The next hundred years could see the United States merge as a mature global power, only to see a rival nation threaten its space assets, and face aggression from a strong and prosperous Mexico, according to geopolitical forecaster George Friedman.
Friedman is an intelligence officer with Strategic Forecasting, a private intelligence agency, as well as author of The Next 100 Years: A Forecast for the 21st Century. In a recent essay for New Statesman, Friedman offers a sample of his geopolitical forecasts for the next hundred years.
Friedman's predictions focus on the interactions between nations over the next several decades, including which countries are likely to emerge as the next great powers. He sees the US continuing to grow as a superpower, only to be unbalanced by another emerging power — perhaps Turkey, Japan, or some combination thereof.
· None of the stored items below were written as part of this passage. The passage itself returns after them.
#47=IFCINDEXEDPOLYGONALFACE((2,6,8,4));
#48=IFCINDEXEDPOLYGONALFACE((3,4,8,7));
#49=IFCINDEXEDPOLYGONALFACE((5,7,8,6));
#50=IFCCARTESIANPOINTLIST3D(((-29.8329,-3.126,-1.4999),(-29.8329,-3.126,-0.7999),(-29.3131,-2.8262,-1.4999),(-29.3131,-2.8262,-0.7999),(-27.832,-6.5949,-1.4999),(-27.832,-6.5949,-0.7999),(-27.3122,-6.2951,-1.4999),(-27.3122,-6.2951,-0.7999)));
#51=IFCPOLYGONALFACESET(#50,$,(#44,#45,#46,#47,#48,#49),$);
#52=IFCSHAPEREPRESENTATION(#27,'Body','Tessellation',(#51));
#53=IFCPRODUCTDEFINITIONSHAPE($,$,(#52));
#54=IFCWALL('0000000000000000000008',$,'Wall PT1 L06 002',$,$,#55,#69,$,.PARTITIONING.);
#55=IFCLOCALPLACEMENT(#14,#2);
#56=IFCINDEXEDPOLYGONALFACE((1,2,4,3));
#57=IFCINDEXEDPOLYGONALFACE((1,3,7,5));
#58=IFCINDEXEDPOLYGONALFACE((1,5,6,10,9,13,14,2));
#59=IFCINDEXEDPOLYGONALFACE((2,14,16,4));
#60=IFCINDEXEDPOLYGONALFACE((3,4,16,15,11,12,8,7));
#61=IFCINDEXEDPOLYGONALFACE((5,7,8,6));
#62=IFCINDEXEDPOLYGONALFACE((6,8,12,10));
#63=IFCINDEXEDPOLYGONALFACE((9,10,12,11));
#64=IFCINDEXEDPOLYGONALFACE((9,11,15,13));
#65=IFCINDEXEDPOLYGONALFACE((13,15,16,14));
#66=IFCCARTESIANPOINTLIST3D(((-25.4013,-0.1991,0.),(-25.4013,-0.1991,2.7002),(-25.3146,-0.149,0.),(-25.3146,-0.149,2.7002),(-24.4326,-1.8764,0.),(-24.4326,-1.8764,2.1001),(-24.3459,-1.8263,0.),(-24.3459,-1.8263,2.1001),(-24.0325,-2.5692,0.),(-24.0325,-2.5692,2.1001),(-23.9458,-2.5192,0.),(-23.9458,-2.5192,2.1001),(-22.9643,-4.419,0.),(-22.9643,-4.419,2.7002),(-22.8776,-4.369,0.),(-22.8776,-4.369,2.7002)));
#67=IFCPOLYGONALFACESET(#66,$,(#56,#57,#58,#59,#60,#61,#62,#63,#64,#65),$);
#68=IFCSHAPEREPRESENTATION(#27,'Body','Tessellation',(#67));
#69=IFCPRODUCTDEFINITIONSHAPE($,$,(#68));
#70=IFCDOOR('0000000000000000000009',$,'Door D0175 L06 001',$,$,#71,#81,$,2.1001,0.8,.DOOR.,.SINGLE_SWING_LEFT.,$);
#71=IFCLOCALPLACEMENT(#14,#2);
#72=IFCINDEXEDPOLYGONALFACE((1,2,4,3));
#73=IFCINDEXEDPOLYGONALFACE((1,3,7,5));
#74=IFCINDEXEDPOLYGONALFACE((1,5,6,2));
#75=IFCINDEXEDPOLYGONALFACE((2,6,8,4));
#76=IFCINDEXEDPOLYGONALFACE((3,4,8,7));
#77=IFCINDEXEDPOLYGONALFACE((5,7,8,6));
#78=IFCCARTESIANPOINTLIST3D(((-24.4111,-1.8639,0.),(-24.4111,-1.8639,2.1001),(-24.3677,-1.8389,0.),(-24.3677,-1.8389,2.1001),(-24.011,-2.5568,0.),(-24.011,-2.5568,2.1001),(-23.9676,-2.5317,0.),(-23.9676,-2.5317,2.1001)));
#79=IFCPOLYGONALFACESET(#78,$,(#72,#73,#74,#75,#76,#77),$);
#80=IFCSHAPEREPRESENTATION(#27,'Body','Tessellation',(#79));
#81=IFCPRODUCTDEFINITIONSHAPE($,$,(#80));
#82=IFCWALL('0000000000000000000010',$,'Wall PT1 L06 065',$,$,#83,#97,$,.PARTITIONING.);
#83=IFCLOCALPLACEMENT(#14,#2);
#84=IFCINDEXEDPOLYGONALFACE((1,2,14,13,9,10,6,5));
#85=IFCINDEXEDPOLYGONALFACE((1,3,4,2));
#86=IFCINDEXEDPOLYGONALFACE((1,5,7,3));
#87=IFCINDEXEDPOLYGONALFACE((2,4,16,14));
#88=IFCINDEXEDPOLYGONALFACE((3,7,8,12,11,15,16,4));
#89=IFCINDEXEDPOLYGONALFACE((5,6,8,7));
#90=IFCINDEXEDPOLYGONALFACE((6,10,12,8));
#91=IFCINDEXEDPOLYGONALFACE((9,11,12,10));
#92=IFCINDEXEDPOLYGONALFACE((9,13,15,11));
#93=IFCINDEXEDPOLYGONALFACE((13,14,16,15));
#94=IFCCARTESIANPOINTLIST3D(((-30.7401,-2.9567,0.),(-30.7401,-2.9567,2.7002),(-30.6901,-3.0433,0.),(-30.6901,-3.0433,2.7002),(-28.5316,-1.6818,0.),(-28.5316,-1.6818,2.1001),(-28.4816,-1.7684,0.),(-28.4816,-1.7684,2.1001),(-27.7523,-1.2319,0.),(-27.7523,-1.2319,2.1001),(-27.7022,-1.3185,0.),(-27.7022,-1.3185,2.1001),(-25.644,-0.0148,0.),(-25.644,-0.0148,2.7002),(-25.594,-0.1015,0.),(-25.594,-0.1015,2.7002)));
One possible venue for conflict: space, where he predicts the US will have many of its military assets. But it will be a very different kind of war from those fought on the ground:
The enemy will be trying to deny the US what it already has, space power, without being able to replace it. The US will win in a war where the stakes will be the world, but the cost will be much less than the bloody slaughters of Europe's world wars. Space does not contain millions of soldiers in trenches. War becomes more humane.
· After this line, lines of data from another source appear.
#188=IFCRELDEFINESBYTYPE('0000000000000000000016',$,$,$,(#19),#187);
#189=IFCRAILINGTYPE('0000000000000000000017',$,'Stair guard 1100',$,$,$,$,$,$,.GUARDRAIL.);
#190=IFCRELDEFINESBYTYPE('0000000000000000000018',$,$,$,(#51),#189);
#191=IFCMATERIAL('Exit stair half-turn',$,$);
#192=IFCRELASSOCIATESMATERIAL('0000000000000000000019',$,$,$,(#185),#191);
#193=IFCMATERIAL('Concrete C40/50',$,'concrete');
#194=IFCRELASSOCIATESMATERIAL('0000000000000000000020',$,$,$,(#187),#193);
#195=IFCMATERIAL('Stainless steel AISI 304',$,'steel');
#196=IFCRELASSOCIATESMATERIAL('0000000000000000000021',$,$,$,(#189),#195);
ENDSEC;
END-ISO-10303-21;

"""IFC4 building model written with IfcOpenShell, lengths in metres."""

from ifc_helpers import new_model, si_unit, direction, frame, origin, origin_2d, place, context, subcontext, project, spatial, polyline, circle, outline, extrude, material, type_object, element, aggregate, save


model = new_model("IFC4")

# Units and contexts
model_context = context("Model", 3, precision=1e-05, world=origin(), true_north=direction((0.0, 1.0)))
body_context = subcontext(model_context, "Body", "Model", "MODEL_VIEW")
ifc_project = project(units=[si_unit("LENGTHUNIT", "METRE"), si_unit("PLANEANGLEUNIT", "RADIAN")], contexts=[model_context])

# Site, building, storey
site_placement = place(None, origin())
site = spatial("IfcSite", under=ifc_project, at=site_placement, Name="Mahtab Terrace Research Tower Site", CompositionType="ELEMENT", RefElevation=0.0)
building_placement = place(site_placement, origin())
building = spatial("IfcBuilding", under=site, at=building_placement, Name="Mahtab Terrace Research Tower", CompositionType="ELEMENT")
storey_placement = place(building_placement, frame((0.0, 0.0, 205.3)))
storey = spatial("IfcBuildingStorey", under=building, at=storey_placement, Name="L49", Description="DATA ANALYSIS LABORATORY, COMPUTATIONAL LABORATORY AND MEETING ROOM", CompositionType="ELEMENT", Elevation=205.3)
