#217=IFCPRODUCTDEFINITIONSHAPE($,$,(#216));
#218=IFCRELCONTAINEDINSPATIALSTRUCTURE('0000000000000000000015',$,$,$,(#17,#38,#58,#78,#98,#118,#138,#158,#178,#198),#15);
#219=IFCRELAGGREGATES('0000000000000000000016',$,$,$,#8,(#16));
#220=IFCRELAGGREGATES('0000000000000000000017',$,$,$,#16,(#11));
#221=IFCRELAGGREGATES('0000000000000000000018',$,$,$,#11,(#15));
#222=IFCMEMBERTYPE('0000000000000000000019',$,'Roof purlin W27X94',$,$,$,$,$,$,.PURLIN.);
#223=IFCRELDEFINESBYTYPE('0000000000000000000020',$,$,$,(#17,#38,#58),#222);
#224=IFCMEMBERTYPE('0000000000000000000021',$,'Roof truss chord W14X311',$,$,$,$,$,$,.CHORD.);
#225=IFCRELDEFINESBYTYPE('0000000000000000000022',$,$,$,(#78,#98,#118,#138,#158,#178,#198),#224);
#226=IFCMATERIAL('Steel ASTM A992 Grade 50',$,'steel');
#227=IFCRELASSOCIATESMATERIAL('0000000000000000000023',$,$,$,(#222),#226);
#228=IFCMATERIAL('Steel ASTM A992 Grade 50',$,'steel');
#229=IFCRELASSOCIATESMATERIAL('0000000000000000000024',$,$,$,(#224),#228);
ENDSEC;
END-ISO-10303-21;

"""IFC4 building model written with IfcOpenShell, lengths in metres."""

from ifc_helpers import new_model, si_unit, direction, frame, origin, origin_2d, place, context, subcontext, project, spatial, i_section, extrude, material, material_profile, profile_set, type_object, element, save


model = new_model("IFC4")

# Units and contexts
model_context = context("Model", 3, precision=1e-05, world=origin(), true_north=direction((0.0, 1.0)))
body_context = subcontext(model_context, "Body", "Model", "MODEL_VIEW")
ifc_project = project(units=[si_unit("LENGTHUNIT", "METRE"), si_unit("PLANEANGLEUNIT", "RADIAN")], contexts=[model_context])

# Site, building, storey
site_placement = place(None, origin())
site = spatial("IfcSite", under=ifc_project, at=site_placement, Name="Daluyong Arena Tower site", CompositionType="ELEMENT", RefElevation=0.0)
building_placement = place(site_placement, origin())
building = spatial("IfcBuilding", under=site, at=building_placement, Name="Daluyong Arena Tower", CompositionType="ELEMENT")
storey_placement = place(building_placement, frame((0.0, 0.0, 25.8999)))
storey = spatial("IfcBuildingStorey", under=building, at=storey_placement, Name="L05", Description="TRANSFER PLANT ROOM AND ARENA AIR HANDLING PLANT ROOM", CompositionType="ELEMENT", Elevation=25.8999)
Another possible threat to America's dominance, Friedman claims, could be Mexico, which stands to emerge as a growing power as the drug profiteers currently destabilizing the country give way to their more legitimate heirs. That, combined with an growing population of Americans living just north of the border who immigrated from Mexico, could put Mexico in a position to reclaim territory it lost to the US over 150 years ago and arise as one of the world's key players:
One can imagine scenarios in which the US fragments, in which Mexico becomes an equal power, or in which the US retains primacy for centuries, or an outside power makes a play. North America is the prize.